The GDP growth rate, which ranged between 7% and 9% during most years of the last decade, fell below 6.5%
in 2012 and is around 5% in FY 2013 – the lowest in the decade.
Rating agencies like S&P and Fitch lowered their credit rating outlook given the slowdown in GDP growth and
industrial output, widening current account deficit, inflation and fiscal pressures, policy slowdown, etc. However,
certain positive news-flow, especially in the second half of the year, triggered short bursts of optimism.
These included easing in manufacturing inflation, some action on the reforms/policy front, plans to bring the
fiscal deficit below 5%, as well as regulatory changes to increase savings flows.
The country needs to shift from consumption to savings and investment. India has traditionally been a savings-
oriented country, but gross domestic savings as a percent of GDP have declined from the last five-year historical
average of 33-34% to around 31% as of FY 2012.

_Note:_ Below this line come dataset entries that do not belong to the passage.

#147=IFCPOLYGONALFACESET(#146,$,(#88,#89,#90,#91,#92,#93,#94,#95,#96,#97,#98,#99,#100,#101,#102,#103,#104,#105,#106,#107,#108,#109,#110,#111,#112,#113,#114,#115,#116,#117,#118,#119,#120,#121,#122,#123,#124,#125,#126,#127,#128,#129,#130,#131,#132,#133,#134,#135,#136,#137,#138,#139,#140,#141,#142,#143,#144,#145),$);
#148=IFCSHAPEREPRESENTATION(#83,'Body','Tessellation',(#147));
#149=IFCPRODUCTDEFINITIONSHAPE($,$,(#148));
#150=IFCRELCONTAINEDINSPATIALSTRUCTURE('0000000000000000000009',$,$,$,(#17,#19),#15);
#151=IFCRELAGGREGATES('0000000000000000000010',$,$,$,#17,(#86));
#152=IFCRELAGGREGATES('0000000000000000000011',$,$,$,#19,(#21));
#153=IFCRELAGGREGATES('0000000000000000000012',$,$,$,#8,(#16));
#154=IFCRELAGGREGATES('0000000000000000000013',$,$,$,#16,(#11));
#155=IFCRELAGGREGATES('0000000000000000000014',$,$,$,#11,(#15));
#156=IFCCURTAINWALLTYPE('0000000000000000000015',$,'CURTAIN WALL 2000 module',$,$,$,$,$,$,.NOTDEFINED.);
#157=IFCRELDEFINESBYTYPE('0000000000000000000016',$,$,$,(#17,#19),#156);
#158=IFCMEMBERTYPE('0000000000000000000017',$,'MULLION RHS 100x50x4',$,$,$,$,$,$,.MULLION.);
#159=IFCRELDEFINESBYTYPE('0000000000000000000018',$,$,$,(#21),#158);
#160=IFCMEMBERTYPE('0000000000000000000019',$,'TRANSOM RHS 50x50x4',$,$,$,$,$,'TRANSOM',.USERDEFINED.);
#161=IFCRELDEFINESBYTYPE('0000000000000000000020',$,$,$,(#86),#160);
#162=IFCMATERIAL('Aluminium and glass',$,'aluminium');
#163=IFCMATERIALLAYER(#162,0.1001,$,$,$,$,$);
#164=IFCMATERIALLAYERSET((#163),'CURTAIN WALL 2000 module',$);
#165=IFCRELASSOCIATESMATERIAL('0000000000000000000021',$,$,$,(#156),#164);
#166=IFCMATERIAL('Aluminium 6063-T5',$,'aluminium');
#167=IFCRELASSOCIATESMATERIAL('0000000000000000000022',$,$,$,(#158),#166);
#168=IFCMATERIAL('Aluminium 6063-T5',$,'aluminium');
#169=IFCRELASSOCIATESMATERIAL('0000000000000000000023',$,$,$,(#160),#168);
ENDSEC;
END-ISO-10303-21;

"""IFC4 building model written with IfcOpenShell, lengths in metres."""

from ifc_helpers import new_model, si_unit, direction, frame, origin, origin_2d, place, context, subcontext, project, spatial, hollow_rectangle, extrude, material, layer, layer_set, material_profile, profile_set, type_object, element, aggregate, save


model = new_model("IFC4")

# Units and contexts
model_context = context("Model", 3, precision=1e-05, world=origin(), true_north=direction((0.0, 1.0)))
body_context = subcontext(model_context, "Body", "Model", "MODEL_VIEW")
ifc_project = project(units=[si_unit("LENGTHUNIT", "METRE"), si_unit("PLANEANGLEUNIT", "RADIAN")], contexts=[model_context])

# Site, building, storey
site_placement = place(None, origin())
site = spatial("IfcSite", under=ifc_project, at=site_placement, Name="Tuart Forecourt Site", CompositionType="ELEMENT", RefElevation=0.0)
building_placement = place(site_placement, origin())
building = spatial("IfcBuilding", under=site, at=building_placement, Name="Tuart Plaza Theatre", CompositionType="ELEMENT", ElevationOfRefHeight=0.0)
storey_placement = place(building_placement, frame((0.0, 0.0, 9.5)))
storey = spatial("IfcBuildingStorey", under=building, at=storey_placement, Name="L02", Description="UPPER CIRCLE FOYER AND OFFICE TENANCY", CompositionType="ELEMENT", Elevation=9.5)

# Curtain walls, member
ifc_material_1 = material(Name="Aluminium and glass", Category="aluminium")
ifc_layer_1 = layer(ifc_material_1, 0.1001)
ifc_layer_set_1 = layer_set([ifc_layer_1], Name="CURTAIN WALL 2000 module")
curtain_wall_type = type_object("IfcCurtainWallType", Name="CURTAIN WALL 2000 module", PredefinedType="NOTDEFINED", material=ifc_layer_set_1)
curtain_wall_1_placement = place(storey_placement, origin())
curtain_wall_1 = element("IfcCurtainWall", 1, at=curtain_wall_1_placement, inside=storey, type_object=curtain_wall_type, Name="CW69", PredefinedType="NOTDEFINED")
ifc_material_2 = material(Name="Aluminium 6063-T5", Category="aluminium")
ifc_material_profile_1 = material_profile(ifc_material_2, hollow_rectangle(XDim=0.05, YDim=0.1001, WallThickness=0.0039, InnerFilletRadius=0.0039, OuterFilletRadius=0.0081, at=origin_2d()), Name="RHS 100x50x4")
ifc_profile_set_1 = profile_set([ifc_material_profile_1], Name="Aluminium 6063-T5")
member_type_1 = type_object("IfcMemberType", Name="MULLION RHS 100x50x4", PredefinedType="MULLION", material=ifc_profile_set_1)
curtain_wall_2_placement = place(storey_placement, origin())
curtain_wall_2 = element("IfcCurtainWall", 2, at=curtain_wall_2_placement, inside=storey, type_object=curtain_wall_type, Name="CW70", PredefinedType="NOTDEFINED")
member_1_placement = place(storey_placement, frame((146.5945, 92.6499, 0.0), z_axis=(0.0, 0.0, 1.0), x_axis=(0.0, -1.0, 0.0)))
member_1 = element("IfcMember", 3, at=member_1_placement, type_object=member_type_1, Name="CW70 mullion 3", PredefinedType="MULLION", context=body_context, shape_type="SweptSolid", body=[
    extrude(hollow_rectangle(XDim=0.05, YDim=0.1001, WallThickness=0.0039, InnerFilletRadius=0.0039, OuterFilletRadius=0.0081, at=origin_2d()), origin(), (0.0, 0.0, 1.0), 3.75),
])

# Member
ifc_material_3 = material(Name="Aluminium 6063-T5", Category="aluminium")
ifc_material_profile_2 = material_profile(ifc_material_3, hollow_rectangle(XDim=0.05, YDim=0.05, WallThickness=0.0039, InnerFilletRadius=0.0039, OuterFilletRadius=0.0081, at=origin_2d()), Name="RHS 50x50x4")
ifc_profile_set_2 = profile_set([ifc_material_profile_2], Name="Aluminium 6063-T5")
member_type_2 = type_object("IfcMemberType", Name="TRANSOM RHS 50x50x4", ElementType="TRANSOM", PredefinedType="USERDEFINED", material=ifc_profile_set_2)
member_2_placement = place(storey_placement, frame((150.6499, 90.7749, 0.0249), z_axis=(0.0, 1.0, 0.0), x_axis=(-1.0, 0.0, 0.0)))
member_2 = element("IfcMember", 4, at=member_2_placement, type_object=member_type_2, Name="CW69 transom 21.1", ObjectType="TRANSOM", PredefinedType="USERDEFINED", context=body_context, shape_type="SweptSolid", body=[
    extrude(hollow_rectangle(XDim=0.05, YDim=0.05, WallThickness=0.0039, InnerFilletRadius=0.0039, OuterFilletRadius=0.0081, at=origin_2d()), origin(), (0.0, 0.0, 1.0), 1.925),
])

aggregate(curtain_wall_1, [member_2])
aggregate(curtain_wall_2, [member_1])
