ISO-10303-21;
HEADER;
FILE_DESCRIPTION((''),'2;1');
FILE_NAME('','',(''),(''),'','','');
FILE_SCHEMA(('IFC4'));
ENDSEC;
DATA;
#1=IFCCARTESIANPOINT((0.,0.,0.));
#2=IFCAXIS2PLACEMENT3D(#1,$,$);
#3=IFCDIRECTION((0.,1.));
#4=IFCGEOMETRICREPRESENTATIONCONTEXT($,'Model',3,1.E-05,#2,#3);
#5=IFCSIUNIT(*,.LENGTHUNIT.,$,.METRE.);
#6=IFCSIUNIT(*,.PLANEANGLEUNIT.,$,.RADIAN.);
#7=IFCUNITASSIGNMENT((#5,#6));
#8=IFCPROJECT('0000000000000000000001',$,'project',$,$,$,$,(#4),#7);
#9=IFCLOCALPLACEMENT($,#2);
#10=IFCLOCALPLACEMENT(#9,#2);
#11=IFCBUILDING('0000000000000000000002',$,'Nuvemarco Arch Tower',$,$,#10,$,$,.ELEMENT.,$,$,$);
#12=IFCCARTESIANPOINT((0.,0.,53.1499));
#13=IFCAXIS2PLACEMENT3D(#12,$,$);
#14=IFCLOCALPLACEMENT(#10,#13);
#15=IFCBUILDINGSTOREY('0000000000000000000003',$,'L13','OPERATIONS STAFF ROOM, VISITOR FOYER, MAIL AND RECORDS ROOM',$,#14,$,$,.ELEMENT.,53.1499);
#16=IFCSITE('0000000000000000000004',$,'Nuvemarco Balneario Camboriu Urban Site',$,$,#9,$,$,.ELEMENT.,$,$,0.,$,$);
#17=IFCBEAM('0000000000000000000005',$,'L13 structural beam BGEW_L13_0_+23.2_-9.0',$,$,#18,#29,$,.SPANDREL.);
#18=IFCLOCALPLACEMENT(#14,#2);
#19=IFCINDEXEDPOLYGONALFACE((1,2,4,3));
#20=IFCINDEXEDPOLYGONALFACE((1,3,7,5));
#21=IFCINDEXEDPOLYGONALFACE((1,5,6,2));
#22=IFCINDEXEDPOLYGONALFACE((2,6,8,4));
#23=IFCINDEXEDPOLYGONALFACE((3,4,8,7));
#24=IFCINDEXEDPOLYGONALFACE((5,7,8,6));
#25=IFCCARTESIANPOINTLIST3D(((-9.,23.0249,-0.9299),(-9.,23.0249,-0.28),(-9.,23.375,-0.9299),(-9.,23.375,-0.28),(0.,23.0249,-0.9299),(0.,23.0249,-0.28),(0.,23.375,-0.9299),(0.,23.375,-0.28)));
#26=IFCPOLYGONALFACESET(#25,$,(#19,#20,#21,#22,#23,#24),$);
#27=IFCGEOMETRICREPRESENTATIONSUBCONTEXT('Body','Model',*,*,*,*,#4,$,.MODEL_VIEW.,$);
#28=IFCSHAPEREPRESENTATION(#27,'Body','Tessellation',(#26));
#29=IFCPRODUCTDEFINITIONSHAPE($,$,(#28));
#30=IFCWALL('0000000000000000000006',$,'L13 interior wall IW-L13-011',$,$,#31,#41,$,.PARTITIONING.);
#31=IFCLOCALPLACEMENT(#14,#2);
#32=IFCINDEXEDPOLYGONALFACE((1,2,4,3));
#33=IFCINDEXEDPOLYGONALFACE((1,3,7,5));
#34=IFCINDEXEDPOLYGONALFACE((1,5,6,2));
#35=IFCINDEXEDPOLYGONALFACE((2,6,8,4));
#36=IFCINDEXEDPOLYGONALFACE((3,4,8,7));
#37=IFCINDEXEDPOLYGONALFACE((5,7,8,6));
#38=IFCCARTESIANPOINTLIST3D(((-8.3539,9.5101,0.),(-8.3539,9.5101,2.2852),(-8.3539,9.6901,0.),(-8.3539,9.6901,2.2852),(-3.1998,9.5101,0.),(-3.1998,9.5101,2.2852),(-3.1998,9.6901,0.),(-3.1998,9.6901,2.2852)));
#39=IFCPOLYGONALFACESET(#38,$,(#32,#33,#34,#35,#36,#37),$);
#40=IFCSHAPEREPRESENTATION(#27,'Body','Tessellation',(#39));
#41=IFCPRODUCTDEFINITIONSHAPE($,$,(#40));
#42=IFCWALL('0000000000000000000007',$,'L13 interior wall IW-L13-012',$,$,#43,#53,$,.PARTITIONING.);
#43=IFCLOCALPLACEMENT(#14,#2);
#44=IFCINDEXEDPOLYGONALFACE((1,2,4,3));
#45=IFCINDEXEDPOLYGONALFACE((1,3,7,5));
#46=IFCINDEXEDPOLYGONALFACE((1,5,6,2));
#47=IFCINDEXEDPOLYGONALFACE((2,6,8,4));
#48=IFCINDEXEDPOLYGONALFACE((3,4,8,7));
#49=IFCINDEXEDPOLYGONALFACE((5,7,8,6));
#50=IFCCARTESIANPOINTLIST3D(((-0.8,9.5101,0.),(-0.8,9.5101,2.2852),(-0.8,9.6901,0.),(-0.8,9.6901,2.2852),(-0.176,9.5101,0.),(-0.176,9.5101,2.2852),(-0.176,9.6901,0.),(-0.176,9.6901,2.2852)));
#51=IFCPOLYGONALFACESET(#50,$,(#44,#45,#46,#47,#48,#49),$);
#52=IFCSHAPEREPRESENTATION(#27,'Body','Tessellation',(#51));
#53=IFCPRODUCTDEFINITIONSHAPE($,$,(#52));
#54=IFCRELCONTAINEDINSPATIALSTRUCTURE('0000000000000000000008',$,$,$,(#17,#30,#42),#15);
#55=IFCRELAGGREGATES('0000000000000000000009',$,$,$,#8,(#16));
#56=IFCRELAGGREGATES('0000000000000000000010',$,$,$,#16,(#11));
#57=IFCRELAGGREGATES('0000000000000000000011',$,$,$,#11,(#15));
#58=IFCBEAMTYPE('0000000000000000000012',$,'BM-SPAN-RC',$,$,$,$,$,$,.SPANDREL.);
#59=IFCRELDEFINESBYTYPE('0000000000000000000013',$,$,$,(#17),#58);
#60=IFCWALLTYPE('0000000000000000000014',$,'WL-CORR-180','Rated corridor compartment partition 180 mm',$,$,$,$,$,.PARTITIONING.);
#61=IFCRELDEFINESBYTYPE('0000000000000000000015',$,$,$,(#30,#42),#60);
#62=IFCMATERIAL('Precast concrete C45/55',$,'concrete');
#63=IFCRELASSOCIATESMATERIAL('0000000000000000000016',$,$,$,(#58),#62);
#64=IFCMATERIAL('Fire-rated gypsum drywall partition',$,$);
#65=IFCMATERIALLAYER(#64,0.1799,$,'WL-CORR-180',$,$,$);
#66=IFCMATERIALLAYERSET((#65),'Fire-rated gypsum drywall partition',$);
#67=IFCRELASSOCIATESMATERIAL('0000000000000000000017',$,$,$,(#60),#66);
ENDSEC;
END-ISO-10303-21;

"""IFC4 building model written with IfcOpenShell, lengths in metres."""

from ifc_helpers import new_model, si_unit, direction, frame, frame_2d, origin, origin_2d, place, context, subcontext, project, spatial, rectangle, extrude, material, layer, layer_set, material_profile, profile_set, type_object, element, save


model = new_model("IFC4")

# Units and contexts
model_context = context("Model", 3, precision=1e-05, world=origin(), true_north=direction((0.0, 1.0)))
body_context = subcontext(model_context, "Body", "Model", "MODEL_VIEW")
ifc_project = project(units=[si_unit("LENGTHUNIT", "METRE"), si_unit("PLANEANGLEUNIT", "RADIAN")], contexts=[model_context])

# Site, building, storey
site_placement = place(None, origin())
site = spatial("IfcSite", under=ifc_project, at=site_placement, Name="Nuvemarco Balneario Camboriu Urban Site", CompositionType="ELEMENT", RefElevation=0.0)
building_placement = place(site_placement, origin())
building = spatial("IfcBuilding", under=site, at=building_placement, Name="Nuvemarco Arch Tower", CompositionType="ELEMENT")
storey_placement = place(building_placement, frame((0.0, 0.0, 53.1499)))
storey = spatial("IfcBuildingStorey", under=building, at=storey_placement, Name="L13", Description="OPERATIONS STAFF ROOM, VISITOR FOYER, MAIL AND RECORDS ROOM", CompositionType="ELEMENT", Elevation=53.1499)

# Beam
ifc_material_1 = material(Name="Precast concrete C45/55", Category="concrete")
ifc_material_profile_1 = material_profile(ifc_material_1, rectangle(XDim=0.3501, YDim=0.6499, at=origin_2d()), Name="PC-SP-350x650")
ifc_profile_set_1 = profile_set([ifc_material_profile_1], Name="Precast concrete C45/55")
beam_type_1 = type_object("IfcBeamType", Name="BM-SPAN-RC", PredefinedType="SPANDREL", material=ifc_profile_set_1)
beam_1_placement = place(storey_placement, frame((-9.0, 23.2, -0.605), z_axis=(1.0, 0.0, 0.0), x_axis=(0.0, 1.0, 0.0)))
element("IfcBeam", 1, at=beam_1_placement, inside=storey, type_object=beam_type_1, Name="L13 structural beam BGEW_L13_0_+23.2_-9.0", PredefinedType="SPANDREL", context=body_context, shape_type="SweptSolid", body=[
    extrude(rectangle(XDim=0.3501, YDim=0.6499, at=origin_2d()), origin(), (0.0, 0.0, 1.0), 9.0),
])

# Walls
ifc_material_2 = material(Name="Fire-rated gypsum drywall partition")
ifc_layer_1 = layer(ifc_material_2, 0.1799, Name="WL-CORR-180")
ifc_layer_set_1 = layer_set([ifc_layer_1], Name="Fire-rated gypsum drywall partition")
wall_type_1 = type_object("IfcWallType", Name="WL-CORR-180", Description="Rated corridor compartment partition 180 mm", PredefinedType="PARTITIONING", material=ifc_layer_set_1)
wall_1_placement = place(storey_placement, frame((-8.354, 9.6001, 0.0), z_axis=(0.0, 0.0, 1.0), x_axis=(1.0, 0.0, 0.0)))
element("IfcWall", 2, at=wall_1_placement, inside=storey, type_object=wall_type_1, Name="L13 interior wall IW-L13-011", PredefinedType="PARTITIONING", context=body_context, shape_type="SweptSolid", body=[
    extrude(rectangle(XDim=5.1541, YDim=0.1799, at=frame_2d((2.5771, 0.0))), origin(), (0.0, 0.0, 1.0), 2.2852),
])
wall_2_placement = place(storey_placement, frame((-0.8, 9.6001, 0.0), z_axis=(0.0, 0.0, 1.0), x_axis=(1.0, 0.0, 0.0)))
element("IfcWall", 3, at=wall_2_placement, inside=storey, type_object=wall_type_1, Name="L13 interior wall IW-L13-012", PredefinedType="PARTITIONING", context=body_context, shape_type="SweptSolid", body=[
    extrude(rectangle(XDim=0.624, YDim=0.1799, at=frame_2d((0.312, 0.0))), origin(), (0.0, 0.0, 1.0), 2.2852),
])

save(model, "model.ifc")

Within households, the share of financial savings has declined in recent years, while that of physical savings has
risen, coinciding with the increased demand for gold and real estate. In order to spur retail inflows into financial
savings, the government has engaged with asset management companies by initiating several measures like
Rajiv Gandhi Equity Savings Scheme to bring in new equity investors, direct mutual fund plans to reduce fund
costs, reviving distributor interest through incentives, expansion into small towns by increasing fund expense,
flexibility in fund charges, investor awareness initiatives, among others.
India also needs deep changes in its real economy. The need to balance coalition politics took its toll on the
speed of reforms. This, along with environment clearance issues, regulatory delays, inflation and the global
slowdown contributed to the slowdown in the investment cycle by companies.
Tight monetary policy kept the cost of borrowing high. Infrastructure development was slow due to regulatory
delays and challenges of PPP models (Public-Private Partnership) and long-term funding sources for
infrastructure projects. Industrial output remained subdued for most part of the year. New projects slowed down
and a number of existing projects are currently stalled, facing delays.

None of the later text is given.